Выбрать главу

Он был уверен тогда, что картина, одна из его лучших картин, истреблена безнадежно; он еще не знал, что есть возможность реставрировать ее, и все же ни словом, ни жестом не выдал своего великого горя.

Чувствовалось, что к этому спокойствию он принуждает себя: он был гораздо бледнее обычного, и его прекрасные, маленькие, стариковские, необыкновенно изящные руки дрожали мельчайшей дрожью, но его душевная дисциплина была такова, что он даже говорить не захотел о происшедшем несчастье».

Через несколько месяцев Репин пришел в галерею с Чуковским. Он остался доволен состоянием картины, так никогда и не узнав истины, глубоко убежденный в том, что сам ее излечил.

С восстановлением картины не кончился шум, поднятый вокруг нее. Враги Репина и всего демократического искусства воспользовались трагическим происшествием, чтобы «сбросить Репина с пьедестала». О том, как старый художник защитил себя от этих нападок, мы расскажем впоследствии.

ОРУЖИЕ РЕВОЛЮЦИИ

Есть одно место в воспоминаниях Репина, которое нельзя читать без содрогания. Он был мальчишкой и видел, как военных поселян, в чем-то провинившихся, наказывали шпицрутенами. Не тогда ли зародилась еще в ребенке неистребимая ненависть к царю, пронесенная художником до могилы? Он не мог, конечно, найти виновника нечеловеческих расправ с поселянами — слишком еще был мал. В мальчишеском сознании отслоилось впечатление от увиденного, а потом уж много позже стало понятно, что царь всему этому не только не препятствовал, но даже на это вынуждал.

Вот как читается это страшное место воспоминаний:

«Происходили беспрерывные экзекуции, и мальчишки весело бегали смотреть на них. Они прекрасно знали все термины и порядки производства наказаний: «Фуктелей! Шпицрутенов! Сквозь строй!»

Мальчишки пролезали поближе к строю солдат, чтобы рассмотреть, как человеческое мясо, отскакивая от шпицрутенов, падало на землю, как обнажались от мускулов светлые кости ребер и лопаток. Привязанную за руки к ружью жертву донашивали уже на руках до полного количества ударов, назначенных начальством. Но ужасно было потемневшее лицо — почти покойника! Глаза закрыты, и только слабые стоны чуть слышны…

…Начальники часто били подчиненных просто руками «по мордам».

…Смотришь, кровь хлынула изо рта и разлилась по груди, окровянив изящную, чистую, с золотым кольцом руку начальства».

Это была первая ступень школы, в которой ребенок постигал науку, называющуюся насилием. Знания впитались в кровь вместе с ужасом и возмущением.

После событий 1 марта 1881 года аппарат насилия был пущен в ход как никогда прежде. Кровавая полоса, которая прошла через этот год, отшатнула многих русских интеллигентов даже от сочувствия борьбе одиночек.

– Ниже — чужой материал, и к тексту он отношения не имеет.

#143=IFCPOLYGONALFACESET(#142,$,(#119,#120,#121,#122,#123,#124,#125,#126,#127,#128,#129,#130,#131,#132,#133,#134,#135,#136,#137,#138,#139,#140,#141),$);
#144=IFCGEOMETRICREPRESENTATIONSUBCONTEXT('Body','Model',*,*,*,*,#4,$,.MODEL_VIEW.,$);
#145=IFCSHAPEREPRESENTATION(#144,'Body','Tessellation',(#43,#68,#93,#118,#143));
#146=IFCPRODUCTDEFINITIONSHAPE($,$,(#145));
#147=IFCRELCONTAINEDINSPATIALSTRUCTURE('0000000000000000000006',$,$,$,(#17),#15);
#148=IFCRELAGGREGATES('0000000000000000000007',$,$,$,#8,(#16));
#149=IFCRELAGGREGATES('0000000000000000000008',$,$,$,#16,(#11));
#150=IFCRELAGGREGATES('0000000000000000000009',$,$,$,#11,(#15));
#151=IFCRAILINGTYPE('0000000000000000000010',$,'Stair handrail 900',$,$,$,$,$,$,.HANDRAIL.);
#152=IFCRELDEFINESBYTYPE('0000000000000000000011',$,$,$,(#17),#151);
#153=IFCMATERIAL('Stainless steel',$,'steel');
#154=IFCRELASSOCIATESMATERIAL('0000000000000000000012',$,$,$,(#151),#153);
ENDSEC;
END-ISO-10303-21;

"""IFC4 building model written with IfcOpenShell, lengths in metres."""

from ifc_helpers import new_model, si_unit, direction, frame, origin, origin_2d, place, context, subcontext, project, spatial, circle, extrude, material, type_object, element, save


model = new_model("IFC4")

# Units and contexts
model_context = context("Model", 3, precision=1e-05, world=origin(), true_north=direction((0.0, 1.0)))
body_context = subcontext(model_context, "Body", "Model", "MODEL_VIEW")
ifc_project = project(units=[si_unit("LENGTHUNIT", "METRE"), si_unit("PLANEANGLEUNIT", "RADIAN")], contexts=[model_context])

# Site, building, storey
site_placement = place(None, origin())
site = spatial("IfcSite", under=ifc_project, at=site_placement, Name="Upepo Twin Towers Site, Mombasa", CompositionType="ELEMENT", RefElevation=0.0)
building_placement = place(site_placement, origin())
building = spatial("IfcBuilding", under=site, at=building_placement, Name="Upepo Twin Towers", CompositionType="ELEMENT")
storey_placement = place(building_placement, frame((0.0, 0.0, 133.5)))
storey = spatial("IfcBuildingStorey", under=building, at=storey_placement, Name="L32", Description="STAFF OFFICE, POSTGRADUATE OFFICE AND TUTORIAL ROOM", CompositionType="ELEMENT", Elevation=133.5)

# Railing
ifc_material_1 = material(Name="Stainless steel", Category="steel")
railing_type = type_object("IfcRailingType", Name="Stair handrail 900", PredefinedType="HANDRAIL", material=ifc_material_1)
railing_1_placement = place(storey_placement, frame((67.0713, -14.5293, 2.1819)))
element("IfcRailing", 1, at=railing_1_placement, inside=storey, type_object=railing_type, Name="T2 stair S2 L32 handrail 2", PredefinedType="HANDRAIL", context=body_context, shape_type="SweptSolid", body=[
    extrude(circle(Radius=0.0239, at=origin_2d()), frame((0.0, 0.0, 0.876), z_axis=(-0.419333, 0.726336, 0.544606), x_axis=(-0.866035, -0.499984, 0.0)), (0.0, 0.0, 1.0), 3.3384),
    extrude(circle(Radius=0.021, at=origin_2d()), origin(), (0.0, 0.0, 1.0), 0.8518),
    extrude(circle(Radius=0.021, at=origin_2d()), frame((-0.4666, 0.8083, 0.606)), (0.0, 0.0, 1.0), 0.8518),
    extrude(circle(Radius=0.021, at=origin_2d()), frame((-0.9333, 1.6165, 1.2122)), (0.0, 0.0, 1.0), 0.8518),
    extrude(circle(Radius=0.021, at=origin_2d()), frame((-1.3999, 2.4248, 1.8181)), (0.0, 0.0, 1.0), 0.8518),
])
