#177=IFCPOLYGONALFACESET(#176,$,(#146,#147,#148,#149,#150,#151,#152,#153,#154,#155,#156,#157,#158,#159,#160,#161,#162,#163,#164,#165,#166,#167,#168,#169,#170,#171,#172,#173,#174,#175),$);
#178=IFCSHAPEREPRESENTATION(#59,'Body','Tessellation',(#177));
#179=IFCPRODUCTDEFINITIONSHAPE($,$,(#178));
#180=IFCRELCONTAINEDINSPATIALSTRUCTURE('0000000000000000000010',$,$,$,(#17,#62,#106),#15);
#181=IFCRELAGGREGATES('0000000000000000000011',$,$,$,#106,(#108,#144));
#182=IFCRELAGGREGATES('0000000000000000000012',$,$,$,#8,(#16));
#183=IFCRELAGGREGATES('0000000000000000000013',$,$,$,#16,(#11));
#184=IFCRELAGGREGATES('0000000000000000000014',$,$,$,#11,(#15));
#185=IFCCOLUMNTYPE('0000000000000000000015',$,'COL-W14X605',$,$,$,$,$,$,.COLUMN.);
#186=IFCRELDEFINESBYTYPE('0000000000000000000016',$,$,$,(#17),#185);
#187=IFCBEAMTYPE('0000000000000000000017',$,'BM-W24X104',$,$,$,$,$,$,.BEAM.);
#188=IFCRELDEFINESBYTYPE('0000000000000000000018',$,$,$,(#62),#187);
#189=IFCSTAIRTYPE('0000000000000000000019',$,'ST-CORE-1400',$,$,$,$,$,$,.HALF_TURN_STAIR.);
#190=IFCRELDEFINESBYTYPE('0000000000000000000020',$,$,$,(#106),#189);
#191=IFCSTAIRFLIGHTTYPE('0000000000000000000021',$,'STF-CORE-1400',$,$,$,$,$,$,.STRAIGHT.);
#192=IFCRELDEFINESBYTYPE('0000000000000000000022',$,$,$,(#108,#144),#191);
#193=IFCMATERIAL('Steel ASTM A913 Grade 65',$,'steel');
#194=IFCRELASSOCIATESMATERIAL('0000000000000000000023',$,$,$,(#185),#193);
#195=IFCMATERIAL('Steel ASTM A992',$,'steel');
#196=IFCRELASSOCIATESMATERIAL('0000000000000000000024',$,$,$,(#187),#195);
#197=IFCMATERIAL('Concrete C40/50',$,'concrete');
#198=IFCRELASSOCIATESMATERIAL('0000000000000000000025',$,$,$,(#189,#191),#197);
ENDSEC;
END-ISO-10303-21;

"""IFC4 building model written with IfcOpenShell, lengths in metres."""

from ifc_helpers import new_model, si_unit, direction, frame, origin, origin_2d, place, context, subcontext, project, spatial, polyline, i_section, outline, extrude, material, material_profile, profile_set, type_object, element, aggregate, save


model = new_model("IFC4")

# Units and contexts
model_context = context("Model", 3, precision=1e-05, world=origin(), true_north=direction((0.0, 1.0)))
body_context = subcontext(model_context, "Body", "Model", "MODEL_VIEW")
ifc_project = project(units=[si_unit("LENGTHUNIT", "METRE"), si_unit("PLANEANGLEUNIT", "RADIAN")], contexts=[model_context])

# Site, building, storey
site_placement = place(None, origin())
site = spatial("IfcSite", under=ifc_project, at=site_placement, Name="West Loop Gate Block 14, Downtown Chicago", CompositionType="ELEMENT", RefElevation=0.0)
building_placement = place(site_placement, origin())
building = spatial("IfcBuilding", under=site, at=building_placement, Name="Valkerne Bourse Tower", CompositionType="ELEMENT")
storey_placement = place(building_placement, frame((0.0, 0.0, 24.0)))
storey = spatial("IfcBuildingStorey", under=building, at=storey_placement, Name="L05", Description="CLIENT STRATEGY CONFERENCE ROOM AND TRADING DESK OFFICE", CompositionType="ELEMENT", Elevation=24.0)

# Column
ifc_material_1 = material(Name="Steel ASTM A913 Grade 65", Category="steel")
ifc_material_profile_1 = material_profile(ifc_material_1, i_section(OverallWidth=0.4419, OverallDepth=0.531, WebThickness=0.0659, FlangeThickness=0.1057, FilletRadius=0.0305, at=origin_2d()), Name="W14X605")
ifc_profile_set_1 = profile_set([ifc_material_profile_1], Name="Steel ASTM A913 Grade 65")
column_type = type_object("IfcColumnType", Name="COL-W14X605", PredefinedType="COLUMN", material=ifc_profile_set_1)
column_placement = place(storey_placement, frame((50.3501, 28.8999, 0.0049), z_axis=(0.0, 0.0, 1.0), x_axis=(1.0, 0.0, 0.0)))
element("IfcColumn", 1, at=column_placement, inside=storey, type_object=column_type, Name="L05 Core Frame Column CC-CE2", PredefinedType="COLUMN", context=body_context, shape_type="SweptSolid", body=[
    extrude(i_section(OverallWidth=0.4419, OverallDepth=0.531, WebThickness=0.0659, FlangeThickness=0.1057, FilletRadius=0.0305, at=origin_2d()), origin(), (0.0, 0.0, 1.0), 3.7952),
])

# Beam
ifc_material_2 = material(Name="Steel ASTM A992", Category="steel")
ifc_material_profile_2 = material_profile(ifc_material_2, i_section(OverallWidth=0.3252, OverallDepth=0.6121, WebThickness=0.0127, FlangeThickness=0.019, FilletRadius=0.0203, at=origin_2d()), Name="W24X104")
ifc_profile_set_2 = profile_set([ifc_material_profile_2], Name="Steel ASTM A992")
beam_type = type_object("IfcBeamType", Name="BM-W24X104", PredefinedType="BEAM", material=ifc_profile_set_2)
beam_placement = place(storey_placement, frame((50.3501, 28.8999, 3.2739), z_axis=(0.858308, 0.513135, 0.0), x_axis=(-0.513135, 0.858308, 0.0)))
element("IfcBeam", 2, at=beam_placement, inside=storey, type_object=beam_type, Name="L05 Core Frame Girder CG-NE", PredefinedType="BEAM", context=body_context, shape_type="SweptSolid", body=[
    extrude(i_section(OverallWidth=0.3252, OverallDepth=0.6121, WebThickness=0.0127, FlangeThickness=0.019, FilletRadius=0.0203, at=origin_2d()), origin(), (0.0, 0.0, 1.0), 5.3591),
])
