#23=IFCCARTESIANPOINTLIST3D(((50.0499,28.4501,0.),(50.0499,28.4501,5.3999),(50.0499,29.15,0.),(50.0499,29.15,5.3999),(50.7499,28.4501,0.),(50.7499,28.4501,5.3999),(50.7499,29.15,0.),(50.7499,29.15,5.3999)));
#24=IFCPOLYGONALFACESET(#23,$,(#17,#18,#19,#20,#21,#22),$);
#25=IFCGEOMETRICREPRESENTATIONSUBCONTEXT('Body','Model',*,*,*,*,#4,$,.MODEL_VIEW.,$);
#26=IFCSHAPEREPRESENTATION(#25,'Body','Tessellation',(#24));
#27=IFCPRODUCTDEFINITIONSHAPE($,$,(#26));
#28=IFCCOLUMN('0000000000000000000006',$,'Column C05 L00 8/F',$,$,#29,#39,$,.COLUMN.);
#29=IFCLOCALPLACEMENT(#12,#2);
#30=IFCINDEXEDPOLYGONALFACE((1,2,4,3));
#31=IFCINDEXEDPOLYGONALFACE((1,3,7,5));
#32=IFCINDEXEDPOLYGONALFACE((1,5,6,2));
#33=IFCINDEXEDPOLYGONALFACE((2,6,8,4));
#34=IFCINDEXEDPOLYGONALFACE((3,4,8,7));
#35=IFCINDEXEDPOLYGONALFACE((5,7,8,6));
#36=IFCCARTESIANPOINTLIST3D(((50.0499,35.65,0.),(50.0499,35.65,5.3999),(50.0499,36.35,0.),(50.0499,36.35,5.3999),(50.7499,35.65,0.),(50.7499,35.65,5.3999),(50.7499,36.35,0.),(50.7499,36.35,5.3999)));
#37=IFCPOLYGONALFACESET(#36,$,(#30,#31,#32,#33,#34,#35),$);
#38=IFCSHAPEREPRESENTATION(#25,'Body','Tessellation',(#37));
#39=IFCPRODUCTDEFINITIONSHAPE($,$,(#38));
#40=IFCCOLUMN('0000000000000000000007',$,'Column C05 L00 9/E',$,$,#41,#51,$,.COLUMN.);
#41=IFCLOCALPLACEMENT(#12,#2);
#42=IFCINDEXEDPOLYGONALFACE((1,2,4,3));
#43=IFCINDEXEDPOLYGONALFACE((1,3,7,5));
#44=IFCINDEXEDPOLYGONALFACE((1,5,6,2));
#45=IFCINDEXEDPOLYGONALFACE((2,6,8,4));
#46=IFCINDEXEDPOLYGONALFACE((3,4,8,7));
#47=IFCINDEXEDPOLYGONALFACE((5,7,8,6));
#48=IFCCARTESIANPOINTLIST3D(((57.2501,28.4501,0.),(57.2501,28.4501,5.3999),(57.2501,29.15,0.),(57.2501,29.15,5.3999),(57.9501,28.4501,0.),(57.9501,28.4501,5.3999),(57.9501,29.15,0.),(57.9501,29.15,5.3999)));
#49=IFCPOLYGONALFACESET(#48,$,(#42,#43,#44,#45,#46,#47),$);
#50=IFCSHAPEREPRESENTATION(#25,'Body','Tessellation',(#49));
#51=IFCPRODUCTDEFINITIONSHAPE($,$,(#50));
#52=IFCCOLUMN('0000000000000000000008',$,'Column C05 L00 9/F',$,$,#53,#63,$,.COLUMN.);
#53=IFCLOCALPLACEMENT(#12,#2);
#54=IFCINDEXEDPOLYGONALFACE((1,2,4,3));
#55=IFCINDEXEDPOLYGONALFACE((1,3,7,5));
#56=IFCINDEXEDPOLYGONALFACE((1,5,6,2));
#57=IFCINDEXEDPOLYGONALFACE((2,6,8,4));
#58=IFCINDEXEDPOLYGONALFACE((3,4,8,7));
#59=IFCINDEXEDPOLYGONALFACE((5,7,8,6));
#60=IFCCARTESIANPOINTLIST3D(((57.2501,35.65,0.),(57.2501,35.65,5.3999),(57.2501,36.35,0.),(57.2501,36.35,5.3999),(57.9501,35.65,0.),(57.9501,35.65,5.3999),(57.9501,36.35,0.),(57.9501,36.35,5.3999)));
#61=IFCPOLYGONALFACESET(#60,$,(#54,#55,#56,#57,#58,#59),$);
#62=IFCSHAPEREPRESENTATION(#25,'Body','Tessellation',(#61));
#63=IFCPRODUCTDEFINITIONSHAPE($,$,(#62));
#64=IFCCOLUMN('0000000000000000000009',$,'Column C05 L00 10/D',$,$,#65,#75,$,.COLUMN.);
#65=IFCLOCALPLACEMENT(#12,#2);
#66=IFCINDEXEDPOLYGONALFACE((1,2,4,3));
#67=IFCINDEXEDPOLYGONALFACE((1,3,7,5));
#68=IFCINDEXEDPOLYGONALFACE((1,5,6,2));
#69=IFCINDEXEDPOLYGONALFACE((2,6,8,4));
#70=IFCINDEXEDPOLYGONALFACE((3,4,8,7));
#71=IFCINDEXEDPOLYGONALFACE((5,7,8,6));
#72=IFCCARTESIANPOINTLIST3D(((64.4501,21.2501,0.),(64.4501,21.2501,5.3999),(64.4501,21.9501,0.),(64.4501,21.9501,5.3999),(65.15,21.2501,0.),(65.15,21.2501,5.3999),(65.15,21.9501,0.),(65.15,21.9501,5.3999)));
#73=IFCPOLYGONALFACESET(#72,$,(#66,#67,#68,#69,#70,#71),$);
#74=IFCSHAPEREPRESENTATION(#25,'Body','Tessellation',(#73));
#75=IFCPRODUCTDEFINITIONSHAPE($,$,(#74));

Репин же не только остался верен своей демократической программе жизни, но лучшие, самые смелые картины написал именно в годы, когда заниматься такими темами было явно рискованно.

«Ивана Грозного» запретили, сам самодержец остался картиною недоволен. Репин многое испытал, до той поры, пока она вновь стала доступной зрителям. Но художник приходил в мастерскую и не снимал с мольбертов другие картины, которые еще откровеннее показывали, что такое русский царизм.

В дни наибольшей шумихи с запрещенной картиной он ставил на мольберт маленький холстик и прикасался мелкими кистями к лицу человека в красной рубахе с открытым воротом.

Больше двенадцати лет вынашивалась идея картины «Арест пропагандиста», и рассказать об истории ее возникновения — значит раскрыть секрет, как простая жанровая сценка, почти зарисовка с натуры, превратилась в художественное произведение большого гражданского звучания.

Как бы прелюдией к этой картине была другая, написанная раньше, считающаяся незаконченной. Она имела много разных названий, последнее — «Сходка».

Яркая лампа на столе выхватывает из мрака фигуру человека с длинными волосами, в красной рубахе. Отблески от ее пламени бросают на всю сидящую у стола группу какое-то фантастическое, чуть воспаленное освещение — таким бывает закат в конце ветреного дня.

Красное освещение пробивается сквозь мрак комнаты и господствует над всем. Рыжий человек что-то пламенно говорит всем людям в этой комнате: девушке, смотрящей на него в упор, худому мужчине с сосредоточенным взглядом, бородатому человеку, задумчиво курящему папиросу. Рыжий человек говорит о чем-то таком, что слепило всех сидящих в комнате в один плотный комок, в одну монолитную группу. Оратор опирается на стол своими сильными руками, у него широкий разлет плеч, сам он порывист, горяч, горяча и его рубашка, озаряющая красными отблесками это тайное сборище людей.